S’agissant des autorisations d’urbanisme, les recommandations du Ministre de la cohésion du territoire s’agissant de la continuité des services publics confirment cette suspension générale de leur instruction, en préconisant la fermeture des services urbanisme des communes, dès lors que « le projet de loi d’urgence prévoit une suspension du délai légal de traitement des autorisations d’urbanisme.
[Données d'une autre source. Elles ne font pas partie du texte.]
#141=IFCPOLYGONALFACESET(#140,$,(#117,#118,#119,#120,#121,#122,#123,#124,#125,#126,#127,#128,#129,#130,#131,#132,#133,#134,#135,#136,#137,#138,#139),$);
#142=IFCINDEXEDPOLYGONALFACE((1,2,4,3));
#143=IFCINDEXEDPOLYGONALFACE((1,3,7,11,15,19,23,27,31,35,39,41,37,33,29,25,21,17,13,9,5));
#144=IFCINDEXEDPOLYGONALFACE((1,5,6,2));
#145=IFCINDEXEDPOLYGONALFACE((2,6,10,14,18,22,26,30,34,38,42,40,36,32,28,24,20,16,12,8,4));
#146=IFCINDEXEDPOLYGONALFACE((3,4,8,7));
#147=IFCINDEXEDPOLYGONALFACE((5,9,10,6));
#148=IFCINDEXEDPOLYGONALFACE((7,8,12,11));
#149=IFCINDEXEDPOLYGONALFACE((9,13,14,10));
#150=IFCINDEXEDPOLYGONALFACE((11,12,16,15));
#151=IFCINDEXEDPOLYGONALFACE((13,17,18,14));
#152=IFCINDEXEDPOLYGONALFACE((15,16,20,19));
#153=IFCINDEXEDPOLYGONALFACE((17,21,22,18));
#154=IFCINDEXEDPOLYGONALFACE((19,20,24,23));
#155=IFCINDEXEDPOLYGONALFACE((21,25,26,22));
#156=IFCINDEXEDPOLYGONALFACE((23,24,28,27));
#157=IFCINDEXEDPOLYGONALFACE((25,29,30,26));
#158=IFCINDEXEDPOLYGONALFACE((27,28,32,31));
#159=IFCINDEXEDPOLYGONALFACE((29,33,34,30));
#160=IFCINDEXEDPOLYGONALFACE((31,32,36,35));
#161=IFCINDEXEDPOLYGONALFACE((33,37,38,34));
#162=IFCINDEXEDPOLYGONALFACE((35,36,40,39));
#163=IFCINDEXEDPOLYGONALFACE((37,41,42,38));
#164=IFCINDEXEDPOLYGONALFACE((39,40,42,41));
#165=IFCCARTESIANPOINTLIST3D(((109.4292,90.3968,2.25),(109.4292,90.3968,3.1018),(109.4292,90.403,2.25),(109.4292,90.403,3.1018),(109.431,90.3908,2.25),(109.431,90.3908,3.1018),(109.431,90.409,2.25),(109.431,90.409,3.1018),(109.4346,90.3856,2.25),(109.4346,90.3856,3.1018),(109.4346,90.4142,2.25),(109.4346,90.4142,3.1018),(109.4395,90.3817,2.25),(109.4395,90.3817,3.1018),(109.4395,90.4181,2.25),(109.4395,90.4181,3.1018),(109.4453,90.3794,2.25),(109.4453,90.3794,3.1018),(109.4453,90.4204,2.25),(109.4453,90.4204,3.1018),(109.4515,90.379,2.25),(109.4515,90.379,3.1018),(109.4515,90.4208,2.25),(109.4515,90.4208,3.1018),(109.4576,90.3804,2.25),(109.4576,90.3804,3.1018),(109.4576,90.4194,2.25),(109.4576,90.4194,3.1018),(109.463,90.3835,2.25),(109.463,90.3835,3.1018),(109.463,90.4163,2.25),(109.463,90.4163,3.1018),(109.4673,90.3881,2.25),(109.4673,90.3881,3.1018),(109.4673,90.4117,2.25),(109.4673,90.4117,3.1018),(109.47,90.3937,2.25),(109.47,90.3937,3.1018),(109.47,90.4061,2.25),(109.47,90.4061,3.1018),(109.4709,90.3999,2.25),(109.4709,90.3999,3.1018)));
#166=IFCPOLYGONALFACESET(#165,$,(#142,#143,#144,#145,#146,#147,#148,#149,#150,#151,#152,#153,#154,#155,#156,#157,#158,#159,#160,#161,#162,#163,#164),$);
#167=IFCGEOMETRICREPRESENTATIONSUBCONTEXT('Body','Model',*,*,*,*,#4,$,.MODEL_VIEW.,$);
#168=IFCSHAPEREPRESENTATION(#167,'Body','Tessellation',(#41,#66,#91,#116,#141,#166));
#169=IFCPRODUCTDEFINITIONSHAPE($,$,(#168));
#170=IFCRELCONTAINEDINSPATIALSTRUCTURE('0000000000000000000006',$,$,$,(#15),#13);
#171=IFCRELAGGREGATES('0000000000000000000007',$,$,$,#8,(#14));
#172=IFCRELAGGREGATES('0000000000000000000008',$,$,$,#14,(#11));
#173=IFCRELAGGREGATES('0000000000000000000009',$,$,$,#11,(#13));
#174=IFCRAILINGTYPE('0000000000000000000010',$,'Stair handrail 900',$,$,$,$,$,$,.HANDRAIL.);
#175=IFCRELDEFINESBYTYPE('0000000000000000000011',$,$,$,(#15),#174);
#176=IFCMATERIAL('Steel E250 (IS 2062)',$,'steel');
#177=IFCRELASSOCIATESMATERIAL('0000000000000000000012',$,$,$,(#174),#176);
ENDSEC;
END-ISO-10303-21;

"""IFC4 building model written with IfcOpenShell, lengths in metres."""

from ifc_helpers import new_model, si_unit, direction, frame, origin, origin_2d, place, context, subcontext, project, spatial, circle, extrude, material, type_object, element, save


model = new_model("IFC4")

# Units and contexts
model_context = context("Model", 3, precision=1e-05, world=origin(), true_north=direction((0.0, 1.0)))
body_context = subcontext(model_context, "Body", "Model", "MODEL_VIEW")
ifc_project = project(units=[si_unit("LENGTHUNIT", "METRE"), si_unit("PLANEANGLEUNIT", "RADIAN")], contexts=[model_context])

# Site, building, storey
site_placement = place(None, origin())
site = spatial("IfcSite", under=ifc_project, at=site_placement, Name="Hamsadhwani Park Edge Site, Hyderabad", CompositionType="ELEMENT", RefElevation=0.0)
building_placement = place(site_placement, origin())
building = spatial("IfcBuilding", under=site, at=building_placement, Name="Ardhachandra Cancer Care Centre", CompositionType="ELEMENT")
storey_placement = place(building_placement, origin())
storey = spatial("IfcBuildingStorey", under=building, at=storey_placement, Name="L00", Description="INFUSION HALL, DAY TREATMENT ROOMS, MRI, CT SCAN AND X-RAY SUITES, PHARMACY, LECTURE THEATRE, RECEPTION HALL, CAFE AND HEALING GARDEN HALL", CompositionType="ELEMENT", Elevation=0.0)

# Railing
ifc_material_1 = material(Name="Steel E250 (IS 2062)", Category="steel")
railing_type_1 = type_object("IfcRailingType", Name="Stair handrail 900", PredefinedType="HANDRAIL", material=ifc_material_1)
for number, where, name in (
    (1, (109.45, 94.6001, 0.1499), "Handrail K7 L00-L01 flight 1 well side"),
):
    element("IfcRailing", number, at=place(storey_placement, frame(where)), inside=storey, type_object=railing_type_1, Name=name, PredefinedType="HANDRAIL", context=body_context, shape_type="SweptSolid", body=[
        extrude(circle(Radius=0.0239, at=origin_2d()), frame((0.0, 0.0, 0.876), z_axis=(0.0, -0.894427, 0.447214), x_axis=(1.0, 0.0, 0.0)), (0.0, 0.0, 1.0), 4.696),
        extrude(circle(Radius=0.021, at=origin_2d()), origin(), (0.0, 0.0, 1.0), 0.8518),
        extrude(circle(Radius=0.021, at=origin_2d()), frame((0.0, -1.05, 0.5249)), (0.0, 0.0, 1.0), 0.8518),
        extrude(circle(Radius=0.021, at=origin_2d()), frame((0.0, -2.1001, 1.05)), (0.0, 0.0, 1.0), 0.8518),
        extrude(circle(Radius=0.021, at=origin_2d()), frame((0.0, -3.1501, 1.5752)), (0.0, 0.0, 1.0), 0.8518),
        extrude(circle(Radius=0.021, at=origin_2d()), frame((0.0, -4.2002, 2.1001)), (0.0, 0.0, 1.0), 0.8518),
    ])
Ainsi, l’inactivité d’un service ne génèrera pas, au cours de cette période, une décision implicite de la commune » (Ministère de la Cohésion, Continuité des services publics locaux dans le cadre de l’état d’urgence sanitaire, 21 mars 2020).
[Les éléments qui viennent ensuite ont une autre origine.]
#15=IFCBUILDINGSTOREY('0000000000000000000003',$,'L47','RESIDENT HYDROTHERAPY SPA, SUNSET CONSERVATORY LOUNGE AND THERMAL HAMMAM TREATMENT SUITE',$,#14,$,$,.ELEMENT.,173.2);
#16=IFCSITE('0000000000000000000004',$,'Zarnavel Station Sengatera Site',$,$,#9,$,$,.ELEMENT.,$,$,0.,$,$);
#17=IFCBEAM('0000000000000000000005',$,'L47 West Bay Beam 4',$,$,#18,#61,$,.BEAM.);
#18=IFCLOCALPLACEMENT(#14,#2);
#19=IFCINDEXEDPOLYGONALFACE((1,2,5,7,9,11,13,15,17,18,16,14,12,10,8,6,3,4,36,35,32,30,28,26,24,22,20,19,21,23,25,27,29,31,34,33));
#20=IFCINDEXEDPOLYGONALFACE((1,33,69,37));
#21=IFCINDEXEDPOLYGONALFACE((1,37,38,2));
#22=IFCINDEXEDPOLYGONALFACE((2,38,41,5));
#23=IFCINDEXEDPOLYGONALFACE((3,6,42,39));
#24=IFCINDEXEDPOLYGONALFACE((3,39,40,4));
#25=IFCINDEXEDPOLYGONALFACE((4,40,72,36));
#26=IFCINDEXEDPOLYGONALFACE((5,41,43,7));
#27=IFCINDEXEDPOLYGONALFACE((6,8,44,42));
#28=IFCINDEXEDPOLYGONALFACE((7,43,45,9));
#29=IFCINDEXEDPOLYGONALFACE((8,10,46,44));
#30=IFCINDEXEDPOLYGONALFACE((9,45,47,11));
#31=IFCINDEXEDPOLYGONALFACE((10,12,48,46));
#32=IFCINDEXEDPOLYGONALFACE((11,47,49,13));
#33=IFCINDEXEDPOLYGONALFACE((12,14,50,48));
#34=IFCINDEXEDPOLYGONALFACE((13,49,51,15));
S’agissant des autorisations environnementales, lorsque des avis sont requis dans le cadre de leur instruction, les délais à l’issue desquels les différentes autorités administratives devaient rendre leur avis sont suspendus jusqu’à la fin de l’état d’urgence.
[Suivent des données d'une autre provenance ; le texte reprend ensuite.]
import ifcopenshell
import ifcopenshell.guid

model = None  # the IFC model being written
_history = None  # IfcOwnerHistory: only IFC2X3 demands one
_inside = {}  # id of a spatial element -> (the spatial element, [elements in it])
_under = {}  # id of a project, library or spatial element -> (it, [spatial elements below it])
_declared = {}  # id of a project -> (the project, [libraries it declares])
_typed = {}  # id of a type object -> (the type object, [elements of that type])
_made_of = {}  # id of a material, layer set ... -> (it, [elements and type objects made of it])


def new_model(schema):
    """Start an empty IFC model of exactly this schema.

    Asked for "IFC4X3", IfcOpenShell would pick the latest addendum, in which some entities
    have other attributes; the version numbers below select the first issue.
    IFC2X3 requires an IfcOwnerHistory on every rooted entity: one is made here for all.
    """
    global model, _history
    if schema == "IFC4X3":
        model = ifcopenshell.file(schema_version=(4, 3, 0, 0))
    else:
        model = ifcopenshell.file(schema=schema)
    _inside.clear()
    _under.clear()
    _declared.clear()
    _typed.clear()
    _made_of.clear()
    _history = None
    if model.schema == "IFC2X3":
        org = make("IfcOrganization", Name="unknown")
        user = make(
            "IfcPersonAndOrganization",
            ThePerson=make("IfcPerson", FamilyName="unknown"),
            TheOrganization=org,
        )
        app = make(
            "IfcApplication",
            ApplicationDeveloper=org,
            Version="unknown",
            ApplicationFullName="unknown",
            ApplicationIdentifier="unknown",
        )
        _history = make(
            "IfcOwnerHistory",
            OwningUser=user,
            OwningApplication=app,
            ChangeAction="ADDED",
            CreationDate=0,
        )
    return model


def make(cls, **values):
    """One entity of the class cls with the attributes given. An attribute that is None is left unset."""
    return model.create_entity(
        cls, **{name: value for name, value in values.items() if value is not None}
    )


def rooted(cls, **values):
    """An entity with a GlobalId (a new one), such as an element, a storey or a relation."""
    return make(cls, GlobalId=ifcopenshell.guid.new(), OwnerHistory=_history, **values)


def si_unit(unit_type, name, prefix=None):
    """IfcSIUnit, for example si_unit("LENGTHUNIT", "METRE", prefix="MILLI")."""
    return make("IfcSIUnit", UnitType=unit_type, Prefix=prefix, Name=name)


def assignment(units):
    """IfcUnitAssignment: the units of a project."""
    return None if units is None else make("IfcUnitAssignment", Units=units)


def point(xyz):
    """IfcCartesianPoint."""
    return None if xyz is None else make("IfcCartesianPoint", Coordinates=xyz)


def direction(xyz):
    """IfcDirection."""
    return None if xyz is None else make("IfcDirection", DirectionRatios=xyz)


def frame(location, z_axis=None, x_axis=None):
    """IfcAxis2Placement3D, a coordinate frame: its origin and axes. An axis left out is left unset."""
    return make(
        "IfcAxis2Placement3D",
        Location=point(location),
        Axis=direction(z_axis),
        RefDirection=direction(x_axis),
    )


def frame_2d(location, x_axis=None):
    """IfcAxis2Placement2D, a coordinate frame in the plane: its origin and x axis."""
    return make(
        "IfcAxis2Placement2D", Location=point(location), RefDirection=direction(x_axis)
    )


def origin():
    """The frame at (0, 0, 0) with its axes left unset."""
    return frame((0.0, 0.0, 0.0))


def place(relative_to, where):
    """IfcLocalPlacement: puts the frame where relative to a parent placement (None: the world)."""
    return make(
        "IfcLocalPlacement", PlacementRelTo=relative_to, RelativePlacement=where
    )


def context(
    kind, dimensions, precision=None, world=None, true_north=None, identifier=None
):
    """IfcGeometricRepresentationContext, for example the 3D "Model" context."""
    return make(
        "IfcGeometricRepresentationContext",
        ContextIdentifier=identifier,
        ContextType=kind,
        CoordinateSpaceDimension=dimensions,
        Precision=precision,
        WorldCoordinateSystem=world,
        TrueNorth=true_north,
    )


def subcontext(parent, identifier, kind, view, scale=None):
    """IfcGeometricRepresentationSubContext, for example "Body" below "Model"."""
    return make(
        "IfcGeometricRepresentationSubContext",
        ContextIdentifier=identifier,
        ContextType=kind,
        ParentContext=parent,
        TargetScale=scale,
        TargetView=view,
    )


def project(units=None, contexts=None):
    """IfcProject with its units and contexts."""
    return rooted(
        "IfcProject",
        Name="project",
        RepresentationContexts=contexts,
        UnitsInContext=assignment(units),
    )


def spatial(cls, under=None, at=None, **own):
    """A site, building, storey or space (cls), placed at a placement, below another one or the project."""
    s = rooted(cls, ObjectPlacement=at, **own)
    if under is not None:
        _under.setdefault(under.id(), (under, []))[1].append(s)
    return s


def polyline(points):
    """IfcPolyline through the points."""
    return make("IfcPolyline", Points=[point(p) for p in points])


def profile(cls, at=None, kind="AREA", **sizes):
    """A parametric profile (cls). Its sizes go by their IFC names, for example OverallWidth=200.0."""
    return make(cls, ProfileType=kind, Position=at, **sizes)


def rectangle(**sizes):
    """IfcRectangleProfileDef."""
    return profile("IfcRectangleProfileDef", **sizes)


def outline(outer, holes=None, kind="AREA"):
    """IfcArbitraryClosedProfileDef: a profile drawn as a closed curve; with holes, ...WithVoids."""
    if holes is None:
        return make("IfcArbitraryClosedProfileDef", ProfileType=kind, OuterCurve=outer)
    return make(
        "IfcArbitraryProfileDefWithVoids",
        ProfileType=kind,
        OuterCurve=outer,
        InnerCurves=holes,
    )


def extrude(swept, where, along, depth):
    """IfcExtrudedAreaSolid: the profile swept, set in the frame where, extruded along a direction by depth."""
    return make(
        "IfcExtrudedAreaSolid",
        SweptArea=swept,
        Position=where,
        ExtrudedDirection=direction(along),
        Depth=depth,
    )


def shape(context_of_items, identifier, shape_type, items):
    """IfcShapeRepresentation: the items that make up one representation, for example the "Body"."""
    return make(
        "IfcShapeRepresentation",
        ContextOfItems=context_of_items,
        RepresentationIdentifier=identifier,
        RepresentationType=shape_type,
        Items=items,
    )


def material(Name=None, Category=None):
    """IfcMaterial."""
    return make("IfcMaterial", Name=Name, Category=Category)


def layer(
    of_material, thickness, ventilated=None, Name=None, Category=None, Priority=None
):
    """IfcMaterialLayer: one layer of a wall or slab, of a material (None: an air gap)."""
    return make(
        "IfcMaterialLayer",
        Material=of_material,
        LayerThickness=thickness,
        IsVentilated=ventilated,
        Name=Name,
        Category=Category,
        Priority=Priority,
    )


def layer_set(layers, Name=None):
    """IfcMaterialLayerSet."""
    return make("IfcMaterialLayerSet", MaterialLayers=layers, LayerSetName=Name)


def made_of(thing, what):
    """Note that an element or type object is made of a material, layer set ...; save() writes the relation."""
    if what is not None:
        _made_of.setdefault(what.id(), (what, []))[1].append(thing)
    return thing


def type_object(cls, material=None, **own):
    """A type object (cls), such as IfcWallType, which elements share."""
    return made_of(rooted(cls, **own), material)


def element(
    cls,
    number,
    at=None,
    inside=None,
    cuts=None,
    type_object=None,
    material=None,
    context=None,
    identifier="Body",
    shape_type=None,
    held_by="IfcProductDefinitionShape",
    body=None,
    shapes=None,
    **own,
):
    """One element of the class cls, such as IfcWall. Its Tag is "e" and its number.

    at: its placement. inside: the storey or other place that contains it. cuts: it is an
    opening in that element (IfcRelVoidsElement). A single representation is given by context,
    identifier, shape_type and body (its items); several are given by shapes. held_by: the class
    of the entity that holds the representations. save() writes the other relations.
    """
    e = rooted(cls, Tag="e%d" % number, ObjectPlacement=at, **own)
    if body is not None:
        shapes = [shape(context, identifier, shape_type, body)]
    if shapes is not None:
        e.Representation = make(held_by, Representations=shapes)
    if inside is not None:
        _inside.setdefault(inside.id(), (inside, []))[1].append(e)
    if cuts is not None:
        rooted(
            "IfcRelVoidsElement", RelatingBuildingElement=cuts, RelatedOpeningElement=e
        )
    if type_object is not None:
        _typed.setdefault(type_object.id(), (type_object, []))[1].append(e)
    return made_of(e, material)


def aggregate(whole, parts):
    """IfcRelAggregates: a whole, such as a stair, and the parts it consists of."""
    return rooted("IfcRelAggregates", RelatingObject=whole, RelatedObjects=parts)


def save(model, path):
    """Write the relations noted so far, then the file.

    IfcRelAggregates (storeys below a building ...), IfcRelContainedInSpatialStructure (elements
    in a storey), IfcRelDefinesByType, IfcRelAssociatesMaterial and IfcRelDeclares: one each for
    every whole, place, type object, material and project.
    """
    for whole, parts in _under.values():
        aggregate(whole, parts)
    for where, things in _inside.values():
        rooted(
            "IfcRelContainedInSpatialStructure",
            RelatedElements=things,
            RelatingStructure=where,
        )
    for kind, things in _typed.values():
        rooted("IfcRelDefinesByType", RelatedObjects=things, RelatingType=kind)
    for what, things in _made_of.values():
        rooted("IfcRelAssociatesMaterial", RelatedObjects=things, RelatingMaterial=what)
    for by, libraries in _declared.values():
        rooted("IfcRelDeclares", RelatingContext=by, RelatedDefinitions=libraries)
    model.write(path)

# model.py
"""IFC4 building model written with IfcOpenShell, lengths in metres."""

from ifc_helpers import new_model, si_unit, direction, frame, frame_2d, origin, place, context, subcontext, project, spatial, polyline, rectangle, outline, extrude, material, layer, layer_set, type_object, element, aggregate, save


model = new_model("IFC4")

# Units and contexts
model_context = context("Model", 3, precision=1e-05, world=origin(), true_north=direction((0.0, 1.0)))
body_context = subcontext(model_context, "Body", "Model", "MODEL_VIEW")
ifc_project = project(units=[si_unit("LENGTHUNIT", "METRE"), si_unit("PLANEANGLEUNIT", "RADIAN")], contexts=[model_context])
Ces dispositions permettront également de repousser les délais encadrant l’organisation et l’ouverture des enquêtes publiques (cf. article R.181-36 du Code de l’environnement).
L’article 8 suspend les délais imposés par l’administration pour réaliser des contrôles et des travaux ou pour se conformer à des prescriptions de toute nature, à compter du 12 mars 2020 jusqu’au 24 juin 2020, sauf lorsqu’ils résultent d’une décision de justice.
En matière d’installations classées, il semblerait que les exploitants qui avaient été mis en demeure par l’administration, de se conformer aux prescriptions d’un arrêté préfectoral dans la période d’état d’urgence sanitaire, verront les délais auxquels ils étaient soumis suspendus jusqu’à la fin de cette période.
L’article 9 ouvre néanmoins deux catégories d’exception au principe de suspension de ces délais.
D’une part, un décret pourra fixer les catégories d’actes, de procédures et d’obligations pour lesquels, pour des motifs de protection des intérêts fondamentaux de la Nation, de sécurité, de protection de la santé, de la salubrité publique, de préservation de l’environnement et de protection de l’enfance et de la jeunesse, le cours des délais reprend.
D’autre part, pour les mêmes motifs, un décret peut, pour un acte, une procédure ou une obligation déterminés, fixer une date de reprise des délais à condition d’en informer les personnes concernées.
Enfin, l’article 12 aménage, à compter du 12 mars 2020 et jusqu’au 24 juin 2020, les procédures d’enquête publique relatives à des projets présentant tout à la fois un intérêt national et un caractère d’urgence.
Ainsi, l’autorité compétente pour organiser l’enquête peut, pour toute enquête publique déjà ouverte relative à un tel projet, décider qu’elle se poursuit uniquement par des moyens électroniques dématérialisés.
Toute nouvelle enquête publique relative à un tel projet sera ouverte et conduite uniquement par des moyens électroniques dématérialisés.
Si la durée de l’enquête publique va au-delà du 24 juin 2020, l’autorité qui l’organise peut choisir de l’achever selon les mêmes modalités dématérialisées ou de l’achever selon les modalités de droit commun.
Il convient de noter qu’aucune précision n’est apportée quant à ce qu’il faut entendre par projet d’intérêt national présentant un caractère d’urgence.
De plus, la question reste en suspens sur le sort réservé aux autres enquêtes publiques qui étaient en cours au moment de la déclaration d’état d’urgence.
Si la rédaction de l’article 7 laisse à penser que seuls les délais relatifs à l’organisation et l’ouverture des enquêtes publiques seraient concernés, l’article 3 traite plus généralement des « enquêtes » sans qu’il soit certain que les enquêtes publiques puissent y être rattachées. Seraient plutôt visées les enquêtes de nature administrative.
Le bon sens voudrait qu’au regard de la situation et l’impossibilité de maintenir le déroulement normal de ces enquêtes publiques, elles soient purement suspendues le temps de la crise sanitaire.
Des précisions seront donc grandement nécessaires pour appréhender pleinement l’impact de cette ordonnance.